We have just announced the formal date for the meeting [in December] and we have already had people from the East Coast, China, and Europe all say that they are coming. So there seems to be a lot of enthusiasm in the community for it as a viable way to figure out where we stand as a community in being able to do this interpretation of genotypes and how we might proceed in the future.

What was the meeting at ASHG for and what was the outcome?

That meeting was just an informal gathering of predictors, assessors, and some people who are just observers to basically discuss what the experiment involves and to get people's feedback and advice for how we might do things differently.

Last year at ASHG we had a lot of advice and feedback which had a big impact in what we decided to include in CAGI and how we organized it. This year it was more informational and people seem to be very excited about the experiment.

Is there a plan to disseminate the more effective methods to the larger community?

Virtually all the methods we know of are published already as methods papers or in a research paper where the methods have been described so I don't think we need to do anything to actually encourage the dissemination of methods themselves. What we do plan to do is have one or more papers which describe the outcome of CAGI.

What CASP has actually done historically is have an entire issue of the journal Protein which is entirely devoted to the outcome of the CASP experiment. We don’t know yet whether CAGI will have enough participants this year to merit that but we certainly think there will be at least one article which summarizes the results and potentially a series of articles if we have a significant number of contributors.

Is there any funding for this year's challenge?

At this point, there is no funding involved. People are doing the predictions with their own resources, attending the meeting with their own resources. We have a nominal registration fee for the meeting, but really there is no funding at all.

Do you plan to apply for funding?

We are going to see how the experiment goes and whether it's worth continuing in the future. I expect it will be, but we will see what sort of support would be most appropriate both for the meeting itself and also for being able to do the collection of the datasets and dissemination to predictors and collection for assessors.

We would like to be able to provide for students and postdocs to come to the meeting and to ensure better outreach to groups which may not otherwise be likely to participate. The other thing is that for CASP, what ended up being important was having an actual group of people who worked year round organizing the datasets, building infrastructure to analyze the datasets, building tools to assist the assessors, and also providing support for the assessors to come to the meeting and making sure they have support in doing their assessment.

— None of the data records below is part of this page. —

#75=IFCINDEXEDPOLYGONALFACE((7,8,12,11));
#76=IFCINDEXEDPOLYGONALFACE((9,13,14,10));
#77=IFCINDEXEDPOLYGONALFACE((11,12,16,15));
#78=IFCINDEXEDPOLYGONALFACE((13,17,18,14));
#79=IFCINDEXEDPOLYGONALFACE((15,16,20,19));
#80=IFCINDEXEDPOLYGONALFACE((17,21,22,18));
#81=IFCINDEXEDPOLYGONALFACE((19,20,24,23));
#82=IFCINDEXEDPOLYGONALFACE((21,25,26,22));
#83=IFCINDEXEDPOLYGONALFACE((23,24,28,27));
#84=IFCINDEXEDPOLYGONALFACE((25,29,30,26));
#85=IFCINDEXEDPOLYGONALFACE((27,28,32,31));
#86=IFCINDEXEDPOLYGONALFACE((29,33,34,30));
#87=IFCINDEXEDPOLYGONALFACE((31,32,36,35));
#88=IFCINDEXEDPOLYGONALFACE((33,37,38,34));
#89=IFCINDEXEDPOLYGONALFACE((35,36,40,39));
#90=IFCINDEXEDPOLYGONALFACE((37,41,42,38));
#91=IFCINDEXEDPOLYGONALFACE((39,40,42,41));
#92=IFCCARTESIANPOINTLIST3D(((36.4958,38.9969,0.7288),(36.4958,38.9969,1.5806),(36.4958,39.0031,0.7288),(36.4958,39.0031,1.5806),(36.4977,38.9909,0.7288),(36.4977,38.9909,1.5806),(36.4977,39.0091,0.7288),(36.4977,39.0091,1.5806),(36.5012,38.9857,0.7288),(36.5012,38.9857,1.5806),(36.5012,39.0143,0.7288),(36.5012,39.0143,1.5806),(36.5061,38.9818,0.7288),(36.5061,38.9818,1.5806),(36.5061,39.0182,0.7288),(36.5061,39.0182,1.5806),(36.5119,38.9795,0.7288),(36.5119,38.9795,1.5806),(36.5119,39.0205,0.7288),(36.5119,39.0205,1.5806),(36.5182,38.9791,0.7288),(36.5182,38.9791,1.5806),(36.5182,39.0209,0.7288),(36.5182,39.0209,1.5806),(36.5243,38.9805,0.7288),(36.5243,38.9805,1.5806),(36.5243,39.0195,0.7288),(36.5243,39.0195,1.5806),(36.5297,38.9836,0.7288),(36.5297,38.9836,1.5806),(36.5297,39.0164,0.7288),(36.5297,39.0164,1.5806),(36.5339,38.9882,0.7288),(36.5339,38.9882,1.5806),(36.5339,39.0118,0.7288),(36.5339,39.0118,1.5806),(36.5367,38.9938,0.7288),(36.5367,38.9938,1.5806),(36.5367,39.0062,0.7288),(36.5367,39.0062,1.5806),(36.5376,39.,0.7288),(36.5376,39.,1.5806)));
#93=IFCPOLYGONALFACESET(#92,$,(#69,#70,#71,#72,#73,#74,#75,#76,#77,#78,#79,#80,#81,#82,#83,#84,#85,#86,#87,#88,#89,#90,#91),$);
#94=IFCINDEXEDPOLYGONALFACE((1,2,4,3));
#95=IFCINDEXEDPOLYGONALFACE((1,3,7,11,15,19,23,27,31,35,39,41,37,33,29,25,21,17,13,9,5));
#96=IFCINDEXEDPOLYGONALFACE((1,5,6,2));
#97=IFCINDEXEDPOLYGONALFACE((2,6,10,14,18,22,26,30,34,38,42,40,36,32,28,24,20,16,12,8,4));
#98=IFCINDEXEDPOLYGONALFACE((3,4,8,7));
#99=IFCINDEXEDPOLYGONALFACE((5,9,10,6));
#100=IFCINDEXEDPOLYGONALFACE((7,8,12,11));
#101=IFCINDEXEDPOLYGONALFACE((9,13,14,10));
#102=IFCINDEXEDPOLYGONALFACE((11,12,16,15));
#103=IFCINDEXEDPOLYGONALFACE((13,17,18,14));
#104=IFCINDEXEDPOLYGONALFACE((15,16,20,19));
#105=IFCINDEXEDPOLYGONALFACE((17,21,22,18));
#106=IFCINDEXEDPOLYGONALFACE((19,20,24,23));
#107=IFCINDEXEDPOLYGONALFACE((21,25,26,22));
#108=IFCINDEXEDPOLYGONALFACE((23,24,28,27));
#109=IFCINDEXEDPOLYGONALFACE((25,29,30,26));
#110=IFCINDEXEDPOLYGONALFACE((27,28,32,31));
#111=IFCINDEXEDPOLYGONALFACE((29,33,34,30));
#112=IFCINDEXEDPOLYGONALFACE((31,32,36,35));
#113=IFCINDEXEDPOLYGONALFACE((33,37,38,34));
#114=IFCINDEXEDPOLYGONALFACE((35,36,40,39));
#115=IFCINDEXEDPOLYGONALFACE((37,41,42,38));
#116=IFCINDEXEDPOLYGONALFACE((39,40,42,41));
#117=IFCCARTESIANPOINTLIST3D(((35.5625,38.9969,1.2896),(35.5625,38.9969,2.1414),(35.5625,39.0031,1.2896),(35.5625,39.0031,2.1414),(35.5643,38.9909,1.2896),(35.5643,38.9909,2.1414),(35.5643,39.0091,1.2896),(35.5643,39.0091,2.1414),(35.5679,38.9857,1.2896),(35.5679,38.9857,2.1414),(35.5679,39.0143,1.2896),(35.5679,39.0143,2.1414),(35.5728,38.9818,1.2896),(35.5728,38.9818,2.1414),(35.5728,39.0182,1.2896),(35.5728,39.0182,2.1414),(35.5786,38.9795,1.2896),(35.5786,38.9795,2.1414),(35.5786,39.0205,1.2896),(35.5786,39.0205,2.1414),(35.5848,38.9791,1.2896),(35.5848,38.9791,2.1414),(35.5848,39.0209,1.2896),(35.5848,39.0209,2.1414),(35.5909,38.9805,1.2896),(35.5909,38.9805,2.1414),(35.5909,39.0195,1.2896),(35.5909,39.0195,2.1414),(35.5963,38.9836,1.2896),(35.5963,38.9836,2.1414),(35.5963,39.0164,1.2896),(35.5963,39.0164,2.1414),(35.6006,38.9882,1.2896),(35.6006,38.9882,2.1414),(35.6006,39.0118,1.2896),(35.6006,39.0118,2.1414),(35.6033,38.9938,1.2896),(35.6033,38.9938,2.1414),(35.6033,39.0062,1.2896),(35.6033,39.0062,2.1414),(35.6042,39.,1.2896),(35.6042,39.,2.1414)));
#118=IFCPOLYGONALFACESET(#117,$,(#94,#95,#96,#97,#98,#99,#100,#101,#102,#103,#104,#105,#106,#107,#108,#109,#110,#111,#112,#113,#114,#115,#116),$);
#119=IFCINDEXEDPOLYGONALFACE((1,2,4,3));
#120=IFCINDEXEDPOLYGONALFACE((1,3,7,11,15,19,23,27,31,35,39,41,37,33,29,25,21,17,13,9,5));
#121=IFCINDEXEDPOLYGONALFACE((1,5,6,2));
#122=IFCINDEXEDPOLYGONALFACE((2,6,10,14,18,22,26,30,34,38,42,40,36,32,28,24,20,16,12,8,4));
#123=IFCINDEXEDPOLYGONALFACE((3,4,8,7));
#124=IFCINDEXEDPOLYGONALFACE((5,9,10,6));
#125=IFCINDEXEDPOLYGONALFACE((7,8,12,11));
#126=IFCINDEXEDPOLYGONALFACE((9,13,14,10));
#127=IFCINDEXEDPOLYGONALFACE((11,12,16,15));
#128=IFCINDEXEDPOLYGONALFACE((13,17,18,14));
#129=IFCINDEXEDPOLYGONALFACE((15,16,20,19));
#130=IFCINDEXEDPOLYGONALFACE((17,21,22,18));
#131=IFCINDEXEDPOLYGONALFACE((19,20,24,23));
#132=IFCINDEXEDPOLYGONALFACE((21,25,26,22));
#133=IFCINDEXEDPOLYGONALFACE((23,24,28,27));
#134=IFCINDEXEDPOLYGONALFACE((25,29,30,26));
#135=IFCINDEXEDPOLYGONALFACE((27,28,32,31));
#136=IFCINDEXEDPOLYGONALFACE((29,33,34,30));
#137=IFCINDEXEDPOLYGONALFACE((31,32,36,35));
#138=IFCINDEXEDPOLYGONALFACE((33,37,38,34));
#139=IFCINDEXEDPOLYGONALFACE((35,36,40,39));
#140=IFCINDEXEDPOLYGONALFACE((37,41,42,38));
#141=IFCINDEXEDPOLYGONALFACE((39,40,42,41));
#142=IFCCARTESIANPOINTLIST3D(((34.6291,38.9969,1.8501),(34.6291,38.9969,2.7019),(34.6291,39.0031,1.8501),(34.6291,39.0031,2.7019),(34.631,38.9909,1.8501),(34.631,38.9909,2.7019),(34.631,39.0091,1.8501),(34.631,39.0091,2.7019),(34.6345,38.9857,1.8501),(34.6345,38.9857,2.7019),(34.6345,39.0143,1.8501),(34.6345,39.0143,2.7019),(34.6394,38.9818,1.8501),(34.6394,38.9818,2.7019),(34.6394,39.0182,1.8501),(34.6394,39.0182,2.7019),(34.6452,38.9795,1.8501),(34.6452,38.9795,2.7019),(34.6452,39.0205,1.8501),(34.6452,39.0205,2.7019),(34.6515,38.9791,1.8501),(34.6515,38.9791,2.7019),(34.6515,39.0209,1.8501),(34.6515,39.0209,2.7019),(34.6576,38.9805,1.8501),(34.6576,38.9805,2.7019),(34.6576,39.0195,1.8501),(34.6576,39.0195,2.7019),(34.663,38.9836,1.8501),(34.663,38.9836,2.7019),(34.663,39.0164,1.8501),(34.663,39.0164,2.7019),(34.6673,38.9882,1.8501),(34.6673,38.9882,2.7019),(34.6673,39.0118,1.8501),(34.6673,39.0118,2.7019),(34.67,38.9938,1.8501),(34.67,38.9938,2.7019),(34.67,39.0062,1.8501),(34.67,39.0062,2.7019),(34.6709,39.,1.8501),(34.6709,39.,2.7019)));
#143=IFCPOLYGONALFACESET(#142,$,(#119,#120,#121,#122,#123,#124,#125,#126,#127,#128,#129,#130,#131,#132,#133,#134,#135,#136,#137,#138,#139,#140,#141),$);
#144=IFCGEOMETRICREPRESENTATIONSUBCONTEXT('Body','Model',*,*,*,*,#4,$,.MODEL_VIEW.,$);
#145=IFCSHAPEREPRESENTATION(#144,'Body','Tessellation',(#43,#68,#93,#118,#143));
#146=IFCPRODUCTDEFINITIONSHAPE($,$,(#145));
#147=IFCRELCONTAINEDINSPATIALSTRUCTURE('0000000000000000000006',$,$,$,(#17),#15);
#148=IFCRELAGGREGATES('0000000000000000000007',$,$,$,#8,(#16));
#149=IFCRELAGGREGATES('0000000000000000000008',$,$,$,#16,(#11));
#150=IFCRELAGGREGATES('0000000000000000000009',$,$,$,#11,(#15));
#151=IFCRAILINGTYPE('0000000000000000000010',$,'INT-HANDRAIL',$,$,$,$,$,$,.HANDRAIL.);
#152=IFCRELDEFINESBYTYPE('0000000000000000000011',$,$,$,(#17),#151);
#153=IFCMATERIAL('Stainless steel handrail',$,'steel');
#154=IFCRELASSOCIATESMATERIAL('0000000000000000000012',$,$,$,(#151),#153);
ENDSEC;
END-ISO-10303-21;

Generally speaking, what are some trends you are seeing in the genome interpretation field?

The main thing is that there has been a dramatically increased demand for accurate methods. On the research end, because it's possible to sequence large numbers of exomes and genomes, when you find variants, you want to know [which] one is likely to be phenotypically interesting.

There are also demands arising from clinical applications. Increasingly when an individual has what appears to be a genetic disease that is not properly diagnosed, people [turn] to sequencing the exomes or genomes of the individuals and finding variants and they want to know what to do with them.

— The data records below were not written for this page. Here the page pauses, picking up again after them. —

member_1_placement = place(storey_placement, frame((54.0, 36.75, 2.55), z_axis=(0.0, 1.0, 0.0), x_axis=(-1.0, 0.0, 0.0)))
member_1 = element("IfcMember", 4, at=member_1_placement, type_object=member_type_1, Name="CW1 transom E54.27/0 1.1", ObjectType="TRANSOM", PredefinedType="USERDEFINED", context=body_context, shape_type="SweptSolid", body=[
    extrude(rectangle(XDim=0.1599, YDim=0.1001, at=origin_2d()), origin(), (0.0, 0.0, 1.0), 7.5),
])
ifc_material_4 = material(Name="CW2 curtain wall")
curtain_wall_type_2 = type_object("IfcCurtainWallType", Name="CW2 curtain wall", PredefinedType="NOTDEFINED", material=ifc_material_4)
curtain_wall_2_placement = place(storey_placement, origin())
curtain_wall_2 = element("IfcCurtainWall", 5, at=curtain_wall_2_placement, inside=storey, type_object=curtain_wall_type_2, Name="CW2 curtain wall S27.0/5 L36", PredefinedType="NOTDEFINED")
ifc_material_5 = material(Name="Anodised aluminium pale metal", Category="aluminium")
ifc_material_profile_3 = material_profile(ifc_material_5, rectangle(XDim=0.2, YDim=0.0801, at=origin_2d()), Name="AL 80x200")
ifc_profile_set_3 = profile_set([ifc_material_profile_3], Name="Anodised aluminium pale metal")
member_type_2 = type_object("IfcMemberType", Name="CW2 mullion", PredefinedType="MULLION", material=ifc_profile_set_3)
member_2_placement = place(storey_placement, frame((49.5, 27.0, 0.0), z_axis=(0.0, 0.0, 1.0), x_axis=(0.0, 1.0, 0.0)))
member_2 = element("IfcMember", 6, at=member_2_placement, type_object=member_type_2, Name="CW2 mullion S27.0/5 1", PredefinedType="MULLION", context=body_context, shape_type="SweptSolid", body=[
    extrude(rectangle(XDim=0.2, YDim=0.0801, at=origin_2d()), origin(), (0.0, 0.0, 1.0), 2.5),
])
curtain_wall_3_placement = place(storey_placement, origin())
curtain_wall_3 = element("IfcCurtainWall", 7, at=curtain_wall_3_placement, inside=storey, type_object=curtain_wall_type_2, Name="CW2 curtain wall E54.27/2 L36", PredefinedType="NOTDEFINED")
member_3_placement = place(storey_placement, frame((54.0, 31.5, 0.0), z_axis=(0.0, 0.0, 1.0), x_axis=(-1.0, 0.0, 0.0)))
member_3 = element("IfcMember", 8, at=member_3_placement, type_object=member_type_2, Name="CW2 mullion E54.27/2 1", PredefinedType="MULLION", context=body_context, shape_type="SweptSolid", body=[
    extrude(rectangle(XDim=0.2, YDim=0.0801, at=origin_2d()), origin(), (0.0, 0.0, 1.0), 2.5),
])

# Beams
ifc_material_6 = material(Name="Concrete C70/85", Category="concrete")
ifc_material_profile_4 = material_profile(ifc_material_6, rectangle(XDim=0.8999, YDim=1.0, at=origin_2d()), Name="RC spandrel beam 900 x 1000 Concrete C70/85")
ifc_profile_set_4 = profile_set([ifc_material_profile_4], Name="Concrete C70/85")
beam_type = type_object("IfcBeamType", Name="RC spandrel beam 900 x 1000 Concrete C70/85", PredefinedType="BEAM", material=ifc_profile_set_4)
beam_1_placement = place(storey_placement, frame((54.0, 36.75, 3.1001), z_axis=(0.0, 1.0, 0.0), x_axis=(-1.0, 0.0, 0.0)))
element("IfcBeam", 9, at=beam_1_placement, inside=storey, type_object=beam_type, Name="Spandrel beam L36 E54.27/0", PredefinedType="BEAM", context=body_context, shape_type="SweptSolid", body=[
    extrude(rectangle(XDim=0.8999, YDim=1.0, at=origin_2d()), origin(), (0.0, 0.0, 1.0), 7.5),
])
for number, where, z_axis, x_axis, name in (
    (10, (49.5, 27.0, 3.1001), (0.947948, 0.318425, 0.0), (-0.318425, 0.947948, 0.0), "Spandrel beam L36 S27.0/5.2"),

In general, the variants that are found are of unknown significance and having these methods work better can give clues as to how to interpret them better, which ones may be more interesting to explore, and perhaps to be able to decide what direction to guide the patient.

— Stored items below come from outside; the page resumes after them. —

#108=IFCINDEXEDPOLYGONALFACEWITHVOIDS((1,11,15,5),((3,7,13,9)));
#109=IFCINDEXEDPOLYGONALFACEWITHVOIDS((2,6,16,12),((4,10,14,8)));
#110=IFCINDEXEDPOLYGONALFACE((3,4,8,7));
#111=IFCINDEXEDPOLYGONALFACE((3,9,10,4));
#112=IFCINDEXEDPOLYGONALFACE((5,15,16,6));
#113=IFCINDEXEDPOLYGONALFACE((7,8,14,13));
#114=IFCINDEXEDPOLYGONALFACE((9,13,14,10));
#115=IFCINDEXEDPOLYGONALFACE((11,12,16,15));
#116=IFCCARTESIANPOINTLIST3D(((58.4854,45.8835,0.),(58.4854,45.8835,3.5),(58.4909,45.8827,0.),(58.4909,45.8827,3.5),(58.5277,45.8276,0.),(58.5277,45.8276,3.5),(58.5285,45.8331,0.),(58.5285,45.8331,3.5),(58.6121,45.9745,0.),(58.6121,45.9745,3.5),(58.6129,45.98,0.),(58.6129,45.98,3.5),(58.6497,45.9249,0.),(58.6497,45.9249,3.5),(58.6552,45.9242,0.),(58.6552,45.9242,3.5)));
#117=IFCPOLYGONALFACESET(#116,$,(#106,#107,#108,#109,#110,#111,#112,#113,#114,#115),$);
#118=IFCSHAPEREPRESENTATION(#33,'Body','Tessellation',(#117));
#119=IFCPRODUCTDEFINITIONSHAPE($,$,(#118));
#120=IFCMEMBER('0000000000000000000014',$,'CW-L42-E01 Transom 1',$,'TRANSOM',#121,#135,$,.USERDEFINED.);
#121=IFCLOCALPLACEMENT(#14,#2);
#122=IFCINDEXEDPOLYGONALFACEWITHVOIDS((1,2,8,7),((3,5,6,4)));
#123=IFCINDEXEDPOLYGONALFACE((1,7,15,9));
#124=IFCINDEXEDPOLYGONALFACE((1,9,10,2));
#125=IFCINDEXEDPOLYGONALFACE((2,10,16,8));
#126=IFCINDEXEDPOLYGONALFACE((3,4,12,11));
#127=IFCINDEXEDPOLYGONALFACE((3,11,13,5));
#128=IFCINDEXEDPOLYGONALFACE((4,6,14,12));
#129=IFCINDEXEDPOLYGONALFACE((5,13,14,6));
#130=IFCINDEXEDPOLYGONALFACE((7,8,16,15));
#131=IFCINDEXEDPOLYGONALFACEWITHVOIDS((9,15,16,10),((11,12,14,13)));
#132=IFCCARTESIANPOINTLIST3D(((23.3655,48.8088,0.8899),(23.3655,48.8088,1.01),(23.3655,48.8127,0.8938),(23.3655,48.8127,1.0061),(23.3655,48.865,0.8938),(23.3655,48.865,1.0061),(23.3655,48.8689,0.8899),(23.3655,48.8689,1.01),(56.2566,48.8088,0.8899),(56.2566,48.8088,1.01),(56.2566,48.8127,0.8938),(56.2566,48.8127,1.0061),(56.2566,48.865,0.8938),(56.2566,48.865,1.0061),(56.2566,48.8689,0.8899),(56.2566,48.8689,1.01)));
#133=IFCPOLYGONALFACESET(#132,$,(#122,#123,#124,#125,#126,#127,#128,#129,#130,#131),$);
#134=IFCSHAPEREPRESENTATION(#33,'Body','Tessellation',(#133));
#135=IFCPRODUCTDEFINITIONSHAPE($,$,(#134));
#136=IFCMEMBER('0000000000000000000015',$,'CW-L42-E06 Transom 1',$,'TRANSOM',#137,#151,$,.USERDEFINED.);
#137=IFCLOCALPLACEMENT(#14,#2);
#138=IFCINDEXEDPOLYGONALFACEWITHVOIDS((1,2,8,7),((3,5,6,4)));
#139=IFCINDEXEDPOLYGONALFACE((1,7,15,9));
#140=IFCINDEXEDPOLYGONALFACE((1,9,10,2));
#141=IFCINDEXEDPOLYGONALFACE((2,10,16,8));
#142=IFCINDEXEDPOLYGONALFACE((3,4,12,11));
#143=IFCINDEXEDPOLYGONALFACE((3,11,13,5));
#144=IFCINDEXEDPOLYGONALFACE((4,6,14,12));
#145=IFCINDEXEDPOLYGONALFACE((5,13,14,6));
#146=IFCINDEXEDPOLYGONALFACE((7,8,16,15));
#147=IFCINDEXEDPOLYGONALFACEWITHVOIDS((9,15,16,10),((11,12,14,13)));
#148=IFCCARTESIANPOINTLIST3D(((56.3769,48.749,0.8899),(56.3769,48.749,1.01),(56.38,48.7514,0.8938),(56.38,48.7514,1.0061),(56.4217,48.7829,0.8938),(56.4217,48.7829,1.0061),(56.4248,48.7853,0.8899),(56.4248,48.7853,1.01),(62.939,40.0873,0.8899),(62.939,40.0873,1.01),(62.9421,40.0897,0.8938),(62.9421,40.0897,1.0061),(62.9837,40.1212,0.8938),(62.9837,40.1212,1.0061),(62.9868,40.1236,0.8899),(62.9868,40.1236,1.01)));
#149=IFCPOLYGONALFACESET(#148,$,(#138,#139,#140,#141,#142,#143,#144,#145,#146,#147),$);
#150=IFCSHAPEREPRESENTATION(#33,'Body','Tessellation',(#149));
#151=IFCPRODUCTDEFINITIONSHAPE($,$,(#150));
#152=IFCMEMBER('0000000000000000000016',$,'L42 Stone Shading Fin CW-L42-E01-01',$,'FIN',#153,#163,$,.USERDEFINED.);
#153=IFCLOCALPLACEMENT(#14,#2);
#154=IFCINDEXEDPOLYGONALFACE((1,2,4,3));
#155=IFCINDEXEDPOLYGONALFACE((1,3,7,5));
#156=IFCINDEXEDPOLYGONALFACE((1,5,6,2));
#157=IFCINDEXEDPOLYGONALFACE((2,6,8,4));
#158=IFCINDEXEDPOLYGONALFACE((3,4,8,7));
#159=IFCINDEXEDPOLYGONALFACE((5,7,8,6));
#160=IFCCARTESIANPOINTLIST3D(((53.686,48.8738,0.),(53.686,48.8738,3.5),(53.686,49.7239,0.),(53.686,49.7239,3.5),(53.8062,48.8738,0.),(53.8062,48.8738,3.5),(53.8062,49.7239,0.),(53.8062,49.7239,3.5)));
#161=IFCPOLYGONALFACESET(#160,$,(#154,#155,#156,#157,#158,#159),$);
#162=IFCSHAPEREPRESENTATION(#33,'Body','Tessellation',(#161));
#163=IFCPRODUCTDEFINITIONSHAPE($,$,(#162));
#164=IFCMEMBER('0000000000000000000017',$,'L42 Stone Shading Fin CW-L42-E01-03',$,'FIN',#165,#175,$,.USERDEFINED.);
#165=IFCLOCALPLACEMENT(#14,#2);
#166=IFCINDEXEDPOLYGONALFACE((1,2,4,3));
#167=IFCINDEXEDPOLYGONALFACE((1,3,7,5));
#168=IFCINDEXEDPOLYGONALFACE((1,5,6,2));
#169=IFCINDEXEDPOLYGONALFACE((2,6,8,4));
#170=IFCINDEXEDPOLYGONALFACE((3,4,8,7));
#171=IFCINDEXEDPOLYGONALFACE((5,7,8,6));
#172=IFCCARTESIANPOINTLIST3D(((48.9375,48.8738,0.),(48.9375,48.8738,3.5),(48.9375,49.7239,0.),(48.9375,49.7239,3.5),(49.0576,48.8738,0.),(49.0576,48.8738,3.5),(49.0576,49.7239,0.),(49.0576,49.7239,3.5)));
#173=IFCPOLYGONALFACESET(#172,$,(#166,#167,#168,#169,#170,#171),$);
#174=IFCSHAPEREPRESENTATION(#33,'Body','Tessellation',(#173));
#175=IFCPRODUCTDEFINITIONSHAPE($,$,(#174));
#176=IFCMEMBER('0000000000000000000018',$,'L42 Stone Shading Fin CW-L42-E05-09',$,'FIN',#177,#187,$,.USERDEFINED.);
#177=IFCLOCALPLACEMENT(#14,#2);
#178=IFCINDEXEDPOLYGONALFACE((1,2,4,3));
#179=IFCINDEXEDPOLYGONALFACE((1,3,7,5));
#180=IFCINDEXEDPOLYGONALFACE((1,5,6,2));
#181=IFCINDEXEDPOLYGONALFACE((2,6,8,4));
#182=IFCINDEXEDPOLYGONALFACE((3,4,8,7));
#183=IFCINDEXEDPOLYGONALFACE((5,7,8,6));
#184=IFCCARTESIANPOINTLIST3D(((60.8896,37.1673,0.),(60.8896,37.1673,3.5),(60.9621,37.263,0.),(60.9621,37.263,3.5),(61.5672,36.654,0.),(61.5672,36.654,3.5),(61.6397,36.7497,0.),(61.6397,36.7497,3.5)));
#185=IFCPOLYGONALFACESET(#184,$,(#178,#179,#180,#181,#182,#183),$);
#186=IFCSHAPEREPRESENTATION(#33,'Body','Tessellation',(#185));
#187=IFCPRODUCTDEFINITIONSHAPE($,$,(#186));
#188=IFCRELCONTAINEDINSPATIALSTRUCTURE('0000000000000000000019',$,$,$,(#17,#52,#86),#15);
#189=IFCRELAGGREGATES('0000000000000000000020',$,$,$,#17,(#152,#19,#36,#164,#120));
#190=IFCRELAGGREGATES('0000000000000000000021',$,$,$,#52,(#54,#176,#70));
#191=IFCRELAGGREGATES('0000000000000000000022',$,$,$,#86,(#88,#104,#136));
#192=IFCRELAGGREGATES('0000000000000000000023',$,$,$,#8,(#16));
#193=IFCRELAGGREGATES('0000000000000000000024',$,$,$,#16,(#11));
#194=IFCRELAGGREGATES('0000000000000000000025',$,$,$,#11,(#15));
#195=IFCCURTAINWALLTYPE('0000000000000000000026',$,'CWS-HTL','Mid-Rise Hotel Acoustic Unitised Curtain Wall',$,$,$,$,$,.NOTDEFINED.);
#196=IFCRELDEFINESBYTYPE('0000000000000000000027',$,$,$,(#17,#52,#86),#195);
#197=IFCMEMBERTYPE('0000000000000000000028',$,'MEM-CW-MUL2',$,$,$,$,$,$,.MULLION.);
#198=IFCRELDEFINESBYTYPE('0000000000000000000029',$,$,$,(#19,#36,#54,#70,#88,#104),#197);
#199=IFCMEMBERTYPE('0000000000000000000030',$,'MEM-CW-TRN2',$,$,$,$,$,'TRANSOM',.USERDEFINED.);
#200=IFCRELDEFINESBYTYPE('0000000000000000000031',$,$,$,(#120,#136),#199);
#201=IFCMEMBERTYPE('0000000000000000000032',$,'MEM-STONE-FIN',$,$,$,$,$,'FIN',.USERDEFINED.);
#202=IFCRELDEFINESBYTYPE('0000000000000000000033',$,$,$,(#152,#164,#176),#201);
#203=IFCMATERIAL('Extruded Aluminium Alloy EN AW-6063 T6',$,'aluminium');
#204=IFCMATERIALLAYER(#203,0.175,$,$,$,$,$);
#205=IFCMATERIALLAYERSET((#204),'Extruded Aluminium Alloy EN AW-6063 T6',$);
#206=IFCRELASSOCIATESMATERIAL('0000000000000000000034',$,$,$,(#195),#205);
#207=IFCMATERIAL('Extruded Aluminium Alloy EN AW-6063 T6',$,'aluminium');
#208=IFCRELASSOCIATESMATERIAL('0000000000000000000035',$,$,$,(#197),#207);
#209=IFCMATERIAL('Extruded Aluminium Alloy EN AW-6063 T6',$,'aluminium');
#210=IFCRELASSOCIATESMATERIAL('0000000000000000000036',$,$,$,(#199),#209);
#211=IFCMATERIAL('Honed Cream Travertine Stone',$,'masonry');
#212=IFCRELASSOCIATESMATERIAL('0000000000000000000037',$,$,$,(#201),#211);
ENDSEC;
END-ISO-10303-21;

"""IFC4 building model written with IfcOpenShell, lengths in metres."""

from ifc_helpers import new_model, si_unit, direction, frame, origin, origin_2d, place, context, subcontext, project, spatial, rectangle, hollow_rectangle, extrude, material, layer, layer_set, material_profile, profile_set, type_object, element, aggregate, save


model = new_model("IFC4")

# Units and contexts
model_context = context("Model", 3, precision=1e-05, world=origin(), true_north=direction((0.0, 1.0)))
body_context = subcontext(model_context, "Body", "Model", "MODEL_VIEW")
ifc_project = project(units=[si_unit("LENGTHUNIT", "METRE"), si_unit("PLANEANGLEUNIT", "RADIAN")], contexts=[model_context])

I have been told by clinicians that they are routinely using these methods as part of their pathway for analyzing variants that they discover. I also know that the methods they are using are very unsatisfactory by and large and that they don’t tell them everything they need to know. It's either they are insufficiently sensitive or insufficiently specific. Our hope is that this community experiment will help us actually understand where the strengths lie and how they can be improved in the future.